Chemicals company Omnia Holdings is acquiring a 90% stake in Umongo Petroleum to strengthen its chemicals cluster.
The R780-million transaction was a logical step in Omnia’s development, group FD Wayne Koonin pointed out on Thursday, adding that Umongo would complement the company’s existing Protea Chemicals business, broadening its current product offering and strengthening its sub-Saharan Africa strategy.
“This transaction should be value accretive, given the attractive market fundamentals, as well as Umongo’s strong standalone business operations. We are pleased that we will be retaining Umongo’s experienced and talented team who have built this business over many years,” said Koonin.
The acquisition consideration is apportioned between an upfront cash payment of R618.5-million, an earn-out cash payment of up to R121.5-million, linked to the achievement of performance milestones over the three-year period to February 28, 2020, and a retention amount of R40-million.
The remaining 10% of the company will continue to be held by Autumn Storm, an entity in which current Umongo CEO Boston Moonsamy is a shareholder.

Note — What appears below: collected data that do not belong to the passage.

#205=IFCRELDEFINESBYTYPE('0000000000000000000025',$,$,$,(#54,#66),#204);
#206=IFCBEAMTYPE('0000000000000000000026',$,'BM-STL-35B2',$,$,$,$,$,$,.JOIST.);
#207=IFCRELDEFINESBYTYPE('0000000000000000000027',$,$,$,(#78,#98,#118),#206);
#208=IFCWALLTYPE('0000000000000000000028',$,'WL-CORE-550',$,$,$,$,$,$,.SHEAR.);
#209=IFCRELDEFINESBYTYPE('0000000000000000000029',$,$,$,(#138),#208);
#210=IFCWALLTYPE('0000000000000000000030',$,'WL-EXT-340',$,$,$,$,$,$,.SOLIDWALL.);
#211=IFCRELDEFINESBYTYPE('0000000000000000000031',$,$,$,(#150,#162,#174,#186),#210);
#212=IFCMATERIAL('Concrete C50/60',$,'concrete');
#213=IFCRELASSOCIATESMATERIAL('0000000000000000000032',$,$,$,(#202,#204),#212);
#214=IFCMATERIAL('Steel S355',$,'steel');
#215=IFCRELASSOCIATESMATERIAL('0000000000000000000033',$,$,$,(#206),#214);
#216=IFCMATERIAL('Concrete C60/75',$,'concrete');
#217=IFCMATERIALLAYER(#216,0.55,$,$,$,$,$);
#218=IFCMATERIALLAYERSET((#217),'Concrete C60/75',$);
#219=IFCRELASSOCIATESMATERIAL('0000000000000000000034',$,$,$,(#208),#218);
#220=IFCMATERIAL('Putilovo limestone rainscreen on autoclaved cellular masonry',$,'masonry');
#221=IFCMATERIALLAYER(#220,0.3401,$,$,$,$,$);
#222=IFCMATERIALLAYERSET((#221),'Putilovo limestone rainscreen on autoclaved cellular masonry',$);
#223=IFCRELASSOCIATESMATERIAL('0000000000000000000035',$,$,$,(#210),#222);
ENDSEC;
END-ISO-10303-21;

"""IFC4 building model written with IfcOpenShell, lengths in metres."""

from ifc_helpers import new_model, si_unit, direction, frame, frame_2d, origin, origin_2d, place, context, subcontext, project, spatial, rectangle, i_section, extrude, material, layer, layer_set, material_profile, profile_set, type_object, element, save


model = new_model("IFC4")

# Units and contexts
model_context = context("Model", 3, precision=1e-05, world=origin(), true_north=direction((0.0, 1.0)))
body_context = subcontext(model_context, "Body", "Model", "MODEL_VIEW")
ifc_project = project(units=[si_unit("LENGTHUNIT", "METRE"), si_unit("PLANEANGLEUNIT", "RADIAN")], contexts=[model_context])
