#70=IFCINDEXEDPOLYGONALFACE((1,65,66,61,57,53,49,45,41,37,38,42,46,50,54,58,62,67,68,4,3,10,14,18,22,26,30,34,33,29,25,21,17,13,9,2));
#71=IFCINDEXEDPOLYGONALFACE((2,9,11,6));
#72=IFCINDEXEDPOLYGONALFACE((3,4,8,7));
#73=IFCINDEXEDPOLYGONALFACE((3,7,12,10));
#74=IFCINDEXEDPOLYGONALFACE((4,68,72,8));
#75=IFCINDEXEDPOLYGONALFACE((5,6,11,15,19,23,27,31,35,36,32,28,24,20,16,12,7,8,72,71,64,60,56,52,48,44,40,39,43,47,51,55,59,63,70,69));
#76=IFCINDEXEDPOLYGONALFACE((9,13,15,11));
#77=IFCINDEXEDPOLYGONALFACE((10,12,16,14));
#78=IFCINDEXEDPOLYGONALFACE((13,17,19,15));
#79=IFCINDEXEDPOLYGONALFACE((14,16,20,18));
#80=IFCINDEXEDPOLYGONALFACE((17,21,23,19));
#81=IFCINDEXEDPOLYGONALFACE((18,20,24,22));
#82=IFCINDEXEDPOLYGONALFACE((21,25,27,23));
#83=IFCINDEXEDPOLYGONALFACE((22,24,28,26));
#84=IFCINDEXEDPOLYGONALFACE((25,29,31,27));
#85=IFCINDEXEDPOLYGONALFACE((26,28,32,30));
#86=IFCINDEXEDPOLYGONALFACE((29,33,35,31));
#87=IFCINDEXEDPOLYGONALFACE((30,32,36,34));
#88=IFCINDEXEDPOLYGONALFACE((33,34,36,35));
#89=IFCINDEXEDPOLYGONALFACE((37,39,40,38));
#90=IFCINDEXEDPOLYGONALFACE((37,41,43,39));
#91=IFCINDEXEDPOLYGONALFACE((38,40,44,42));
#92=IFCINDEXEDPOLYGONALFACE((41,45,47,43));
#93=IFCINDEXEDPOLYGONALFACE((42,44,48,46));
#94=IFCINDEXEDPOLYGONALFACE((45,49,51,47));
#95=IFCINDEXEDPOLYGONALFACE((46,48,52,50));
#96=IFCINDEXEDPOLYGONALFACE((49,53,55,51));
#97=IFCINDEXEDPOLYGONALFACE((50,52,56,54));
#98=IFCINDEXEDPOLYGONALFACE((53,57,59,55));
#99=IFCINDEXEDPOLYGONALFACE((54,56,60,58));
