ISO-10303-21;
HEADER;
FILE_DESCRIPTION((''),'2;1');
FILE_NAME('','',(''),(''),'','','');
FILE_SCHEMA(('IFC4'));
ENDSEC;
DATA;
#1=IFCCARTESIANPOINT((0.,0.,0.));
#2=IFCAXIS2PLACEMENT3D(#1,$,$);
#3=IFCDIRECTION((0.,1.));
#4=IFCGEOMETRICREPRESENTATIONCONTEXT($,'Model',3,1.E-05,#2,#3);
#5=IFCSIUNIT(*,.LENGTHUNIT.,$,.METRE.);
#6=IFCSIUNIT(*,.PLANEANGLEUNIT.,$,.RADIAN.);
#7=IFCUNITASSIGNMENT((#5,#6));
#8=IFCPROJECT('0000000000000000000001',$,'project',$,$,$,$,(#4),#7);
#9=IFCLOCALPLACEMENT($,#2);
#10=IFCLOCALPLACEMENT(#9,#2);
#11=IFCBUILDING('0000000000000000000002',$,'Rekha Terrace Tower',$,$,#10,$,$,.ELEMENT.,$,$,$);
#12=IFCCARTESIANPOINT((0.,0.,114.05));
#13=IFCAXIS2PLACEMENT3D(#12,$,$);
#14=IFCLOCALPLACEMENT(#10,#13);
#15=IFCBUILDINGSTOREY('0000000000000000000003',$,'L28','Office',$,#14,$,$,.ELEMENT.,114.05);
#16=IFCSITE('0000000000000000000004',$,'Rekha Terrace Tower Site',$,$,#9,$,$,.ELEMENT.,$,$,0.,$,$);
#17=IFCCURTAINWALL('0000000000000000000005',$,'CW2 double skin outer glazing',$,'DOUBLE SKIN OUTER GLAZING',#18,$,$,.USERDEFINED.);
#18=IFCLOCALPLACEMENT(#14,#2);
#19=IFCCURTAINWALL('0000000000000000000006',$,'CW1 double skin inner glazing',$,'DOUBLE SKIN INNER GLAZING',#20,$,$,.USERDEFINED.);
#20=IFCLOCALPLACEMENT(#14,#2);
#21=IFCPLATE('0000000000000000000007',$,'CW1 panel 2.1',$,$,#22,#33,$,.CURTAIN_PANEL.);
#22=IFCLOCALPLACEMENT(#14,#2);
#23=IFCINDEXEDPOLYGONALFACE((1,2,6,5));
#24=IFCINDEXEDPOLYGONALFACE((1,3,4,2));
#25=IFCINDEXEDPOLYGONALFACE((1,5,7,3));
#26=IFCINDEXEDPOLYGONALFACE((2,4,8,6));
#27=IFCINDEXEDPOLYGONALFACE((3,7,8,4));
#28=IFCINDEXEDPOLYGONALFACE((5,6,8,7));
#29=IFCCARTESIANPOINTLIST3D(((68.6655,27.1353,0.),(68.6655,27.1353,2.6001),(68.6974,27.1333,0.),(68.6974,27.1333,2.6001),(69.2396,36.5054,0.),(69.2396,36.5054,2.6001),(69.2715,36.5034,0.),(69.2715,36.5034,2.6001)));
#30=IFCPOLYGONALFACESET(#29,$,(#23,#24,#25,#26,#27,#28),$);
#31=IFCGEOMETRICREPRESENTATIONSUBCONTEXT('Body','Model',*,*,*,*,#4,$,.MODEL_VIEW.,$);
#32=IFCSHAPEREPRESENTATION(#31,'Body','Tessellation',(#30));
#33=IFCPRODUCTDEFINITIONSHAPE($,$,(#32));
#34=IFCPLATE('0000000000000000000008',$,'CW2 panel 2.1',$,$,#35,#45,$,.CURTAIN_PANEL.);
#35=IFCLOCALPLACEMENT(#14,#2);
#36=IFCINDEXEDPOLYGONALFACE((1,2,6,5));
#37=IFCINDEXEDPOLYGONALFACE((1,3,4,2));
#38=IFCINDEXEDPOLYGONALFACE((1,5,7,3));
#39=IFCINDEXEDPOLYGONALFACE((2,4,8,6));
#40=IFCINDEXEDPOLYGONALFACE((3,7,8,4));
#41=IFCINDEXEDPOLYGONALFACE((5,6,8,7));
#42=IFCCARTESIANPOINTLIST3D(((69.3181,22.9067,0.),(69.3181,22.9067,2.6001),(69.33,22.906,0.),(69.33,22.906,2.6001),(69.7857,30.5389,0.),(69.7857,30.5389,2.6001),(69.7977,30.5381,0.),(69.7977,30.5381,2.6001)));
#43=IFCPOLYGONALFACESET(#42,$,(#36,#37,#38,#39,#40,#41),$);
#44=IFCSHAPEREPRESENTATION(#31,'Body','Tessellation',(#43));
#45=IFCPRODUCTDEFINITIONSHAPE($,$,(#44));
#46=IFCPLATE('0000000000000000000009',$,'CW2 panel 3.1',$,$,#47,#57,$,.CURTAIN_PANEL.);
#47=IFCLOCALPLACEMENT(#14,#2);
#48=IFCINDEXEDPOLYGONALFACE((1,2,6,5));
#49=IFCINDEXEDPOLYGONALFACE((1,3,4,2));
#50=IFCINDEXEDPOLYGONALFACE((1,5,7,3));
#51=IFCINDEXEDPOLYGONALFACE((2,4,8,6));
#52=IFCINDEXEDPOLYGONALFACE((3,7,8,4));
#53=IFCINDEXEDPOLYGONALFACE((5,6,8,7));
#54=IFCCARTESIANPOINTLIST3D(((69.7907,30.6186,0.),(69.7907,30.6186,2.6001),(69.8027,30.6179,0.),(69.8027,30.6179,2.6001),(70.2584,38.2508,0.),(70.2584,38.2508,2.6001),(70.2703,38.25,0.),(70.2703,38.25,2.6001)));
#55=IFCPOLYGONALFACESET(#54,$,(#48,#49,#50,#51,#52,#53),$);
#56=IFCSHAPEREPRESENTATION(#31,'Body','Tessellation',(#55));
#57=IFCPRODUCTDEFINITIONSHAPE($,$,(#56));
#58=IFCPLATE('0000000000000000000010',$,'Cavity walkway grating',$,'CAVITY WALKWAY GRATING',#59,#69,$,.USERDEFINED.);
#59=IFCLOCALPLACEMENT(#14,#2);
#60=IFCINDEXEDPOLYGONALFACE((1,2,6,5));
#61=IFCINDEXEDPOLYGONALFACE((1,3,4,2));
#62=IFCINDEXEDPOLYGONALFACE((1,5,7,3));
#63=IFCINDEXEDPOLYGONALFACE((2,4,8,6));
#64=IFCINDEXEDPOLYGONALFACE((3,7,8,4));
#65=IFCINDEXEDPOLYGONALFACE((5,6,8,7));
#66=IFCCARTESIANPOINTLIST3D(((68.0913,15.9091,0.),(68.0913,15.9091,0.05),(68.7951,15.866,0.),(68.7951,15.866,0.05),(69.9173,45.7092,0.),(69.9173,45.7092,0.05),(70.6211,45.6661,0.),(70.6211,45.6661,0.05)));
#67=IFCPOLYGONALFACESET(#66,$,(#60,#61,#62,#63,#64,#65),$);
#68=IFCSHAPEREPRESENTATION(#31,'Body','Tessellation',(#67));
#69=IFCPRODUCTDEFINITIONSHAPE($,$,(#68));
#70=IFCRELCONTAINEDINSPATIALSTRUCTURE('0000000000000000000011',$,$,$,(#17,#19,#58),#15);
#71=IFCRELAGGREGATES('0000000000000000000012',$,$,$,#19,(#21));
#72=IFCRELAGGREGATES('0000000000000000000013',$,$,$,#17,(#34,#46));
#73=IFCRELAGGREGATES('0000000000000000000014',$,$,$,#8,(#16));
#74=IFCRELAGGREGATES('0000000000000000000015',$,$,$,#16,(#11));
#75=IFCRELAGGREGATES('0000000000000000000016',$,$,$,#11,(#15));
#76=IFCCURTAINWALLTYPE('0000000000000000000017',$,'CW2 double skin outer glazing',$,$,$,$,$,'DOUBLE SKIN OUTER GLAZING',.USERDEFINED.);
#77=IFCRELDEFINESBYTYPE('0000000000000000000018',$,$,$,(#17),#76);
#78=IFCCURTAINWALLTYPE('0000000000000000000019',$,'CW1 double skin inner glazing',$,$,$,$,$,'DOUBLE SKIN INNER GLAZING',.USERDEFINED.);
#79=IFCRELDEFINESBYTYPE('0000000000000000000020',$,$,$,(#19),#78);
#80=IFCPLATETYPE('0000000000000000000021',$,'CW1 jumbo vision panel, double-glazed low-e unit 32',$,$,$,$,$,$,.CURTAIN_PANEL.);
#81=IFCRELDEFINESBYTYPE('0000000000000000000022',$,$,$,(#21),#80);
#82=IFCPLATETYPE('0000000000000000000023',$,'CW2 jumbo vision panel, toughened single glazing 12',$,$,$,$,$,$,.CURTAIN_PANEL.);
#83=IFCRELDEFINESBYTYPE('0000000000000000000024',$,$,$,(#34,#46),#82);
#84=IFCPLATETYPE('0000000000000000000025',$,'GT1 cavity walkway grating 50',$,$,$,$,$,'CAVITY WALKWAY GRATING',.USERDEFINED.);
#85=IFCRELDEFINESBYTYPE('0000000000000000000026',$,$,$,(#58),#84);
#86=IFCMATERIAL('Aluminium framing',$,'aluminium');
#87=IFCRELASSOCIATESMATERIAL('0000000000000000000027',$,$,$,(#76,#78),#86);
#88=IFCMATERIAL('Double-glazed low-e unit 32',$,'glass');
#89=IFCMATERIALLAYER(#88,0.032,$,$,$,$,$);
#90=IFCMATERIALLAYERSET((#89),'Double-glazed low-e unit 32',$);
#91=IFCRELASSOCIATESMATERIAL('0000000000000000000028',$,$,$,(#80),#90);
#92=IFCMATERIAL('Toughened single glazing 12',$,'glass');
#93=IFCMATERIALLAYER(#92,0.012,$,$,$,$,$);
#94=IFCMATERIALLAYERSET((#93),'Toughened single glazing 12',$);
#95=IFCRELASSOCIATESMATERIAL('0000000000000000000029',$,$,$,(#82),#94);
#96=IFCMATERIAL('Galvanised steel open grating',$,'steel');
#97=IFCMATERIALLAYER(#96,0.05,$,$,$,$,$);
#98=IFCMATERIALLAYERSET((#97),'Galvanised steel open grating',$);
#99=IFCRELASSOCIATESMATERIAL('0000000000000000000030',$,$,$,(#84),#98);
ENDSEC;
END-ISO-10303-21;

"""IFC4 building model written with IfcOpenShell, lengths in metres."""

from ifc_helpers import new_model, si_unit, direction, frame, origin, origin_2d, place, context, subcontext, project, spatial, rectangle, extrude, material, layer, layer_set, type_object, element, aggregate, save


model = new_model("IFC4")

# Units and contexts
model_context = context("Model", 3, precision=1e-05, world=origin(), true_north=direction((0.0, 1.0)))
body_context = subcontext(model_context, "Body", "Model", "MODEL_VIEW")
ifc_project = project(units=[si_unit("LENGTHUNIT", "METRE"), si_unit("PLANEANGLEUNIT", "RADIAN")], contexts=[model_context])

# Site, building, storey
site_placement = place(None, origin())
site = spatial("IfcSite", under=ifc_project, at=site_placement, Name="Rekha Terrace Tower Site", CompositionType="ELEMENT", RefElevation=0.0)
building_placement = place(site_placement, origin())
building = spatial("IfcBuilding", under=site, at=building_placement, Name="Rekha Terrace Tower", CompositionType="ELEMENT")
storey_placement = place(building_placement, frame((0.0, 0.0, 114.05)))
storey = spatial("IfcBuildingStorey", under=building, at=storey_placement, Name="L28", Description="Office", CompositionType="ELEMENT", Elevation=114.05)

# Curtain walls
ifc_material_1 = material(Name="Aluminium framing", Category="aluminium")
curtain_wall_type_1 = type_object("IfcCurtainWallType", Name="CW2 double skin outer glazing", ElementType="DOUBLE SKIN OUTER GLAZING", PredefinedType="USERDEFINED", material=ifc_material_1)
curtain_wall_1_placement = place(storey_placement, origin())
curtain_wall_1 = element("IfcCurtainWall", 1, at=curtain_wall_1_placement, inside=storey, type_object=curtain_wall_type_1, Name="CW2 double skin outer glazing", ObjectType="DOUBLE SKIN OUTER GLAZING", PredefinedType="USERDEFINED")
curtain_wall_type_2 = type_object("IfcCurtainWallType", Name="CW1 double skin inner glazing", ElementType="DOUBLE SKIN INNER GLAZING", PredefinedType="USERDEFINED", material=ifc_material_1)
curtain_wall_2_placement = place(storey_placement, origin())
curtain_wall_2 = element("IfcCurtainWall", 2, at=curtain_wall_2_placement, inside=storey, type_object=curtain_wall_type_2, Name="CW1 double skin inner glazing", ObjectType="DOUBLE SKIN INNER GLAZING", PredefinedType="USERDEFINED")

# Plates
ifc_material_2 = material(Name="Double-glazed low-e unit 32", Category="glass")
ifc_layer_1 = layer(ifc_material_2, 0.032)
ifc_layer_set_1 = layer_set([ifc_layer_1], Name="Double-glazed low-e unit 32")
plate_type_1 = type_object("IfcPlateType", Name="CW1 jumbo vision panel, double-glazed low-e unit 32", PredefinedType="CURTAIN_PANEL", material=ifc_layer_set_1)
plate_1_placement = place(storey_placement, frame((68.9685, 31.8193, 0.0), z_axis=(0.0, 0.0, 1.0), x_axis=(0.06116, 0.998128, 0.0)))
plate_1 = element("IfcPlate", 3, at=plate_1_placement, type_object=plate_type_1, Name="CW1 panel 2.1", PredefinedType="CURTAIN_PANEL", context=body_context, shape_type="SweptSolid", body=[
    extrude(rectangle(XDim=9.3877, YDim=0.032, at=origin_2d()), origin(), (0.0, 0.0, 1.0), 2.6001),
])
aggregate(curtain_wall_2, [plate_1])
ifc_material_3 = material(Name="Toughened single glazing 12", Category="glass")
ifc_layer_2 = layer(ifc_material_3, 0.012)
ifc_layer_set_2 = layer_set([ifc_layer_2], Name="Toughened single glazing 12")
plate_type_2 = type_object("IfcPlateType", Name="CW2 jumbo vision panel, toughened single glazing 12", PredefinedType="CURTAIN_PANEL", material=ifc_layer_set_2)
plate_2_placement = place(storey_placement, frame((69.5579, 26.7224, 0.0), z_axis=(0.0, 0.0, 1.0), x_axis=(0.06116, 0.998128, 0.0)))
plate_2 = element("IfcPlate", 4, at=plate_2_placement, type_object=plate_type_2, Name="CW2 panel 2.1", PredefinedType="CURTAIN_PANEL", context=body_context, shape_type="SweptSolid", body=[
    extrude(rectangle(XDim=7.6465, YDim=0.012, at=origin_2d()), origin(), (0.0, 0.0, 1.0), 2.6001),
])
plate_3_placement = place(storey_placement, frame((70.0305, 34.4343, 0.0), z_axis=(0.0, 0.0, 1.0), x_axis=(0.06116, 0.998128, 0.0)))
plate_3 = element("IfcPlate", 5, at=plate_3_placement, type_object=plate_type_2, Name="CW2 panel 3.1", PredefinedType="CURTAIN_PANEL", context=body_context, shape_type="SweptSolid", body=[
    extrude(rectangle(XDim=7.6465, YDim=0.012, at=origin_2d()), origin(), (0.0, 0.0, 1.0), 2.6001),
])
aggregate(curtain_wall_1, [plate_2, plate_3])
ifc_material_4 = material(Name="Galvanised steel open grating", Category="steel")
ifc_layer_3 = layer(ifc_material_4, 0.05)
ifc_layer_set_3 = layer_set([ifc_layer_3], Name="Galvanised steel open grating")
plate_type_3 = type_object("IfcPlateType", Name="GT1 cavity walkway grating 50", ElementType="CAVITY WALKWAY GRATING", PredefinedType="USERDEFINED", material=ifc_layer_set_3)
plate_4_placement = place(storey_placement, frame((69.3562, 30.7876, 0.0), z_axis=(0.0, 0.0, 1.0), x_axis=(0.06116, 0.998128, 0.0)))
element("IfcPlate", 6, at=plate_4_placement, inside=storey, type_object=plate_type_3, Name="Cavity walkway grating", ObjectType="CAVITY WALKWAY GRATING", PredefinedType="USERDEFINED", context=body_context, shape_type="SweptSolid", body=[
    extrude(rectangle(XDim=29.856, YDim=0.7051, at=origin_2d()), origin(), (0.0, 0.0, 1.0), 0.05),
])

save(model, "model.ifc")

Moonsamy will remain CEO for five years, while Umongo chairperson and founder Mahmoud Homayoun will remain involved in Umongo for four years as a member of the board and a specialist adviser. Other key members of the management team will continue to be employed by the business.
Umongo operates a fully outsourced supply chain and logistics business model, using accredited storage facilities, transporters and other related service providers to import, store, process and deliver raw materials to customers. In addition, Umongo offers a full range of technical support to its customers.
Umongo has supply and distribution agreements with various entities in the Chevron Group, a leading integrated energy company, for the supply of both additives and base oils into the South African and sub-Saharan African markets.
Base oils and additives are predominantly used in the production of lubricant products for both automotive and industrial applications.
Importantly, with the changes in global emission standards and improvements in technology, the move from Group I to Group II base oils will continue to be a key driver of growth in the market. In South Africa, Umongo is a supplier of these products to several of the largest lubricant, oil and petroleum companies.
Umongo has also recently acquired 100% of Orbichem Petrochemicals, the distributor of the Ergon range of products in South Africa and sub-Saharan Africa.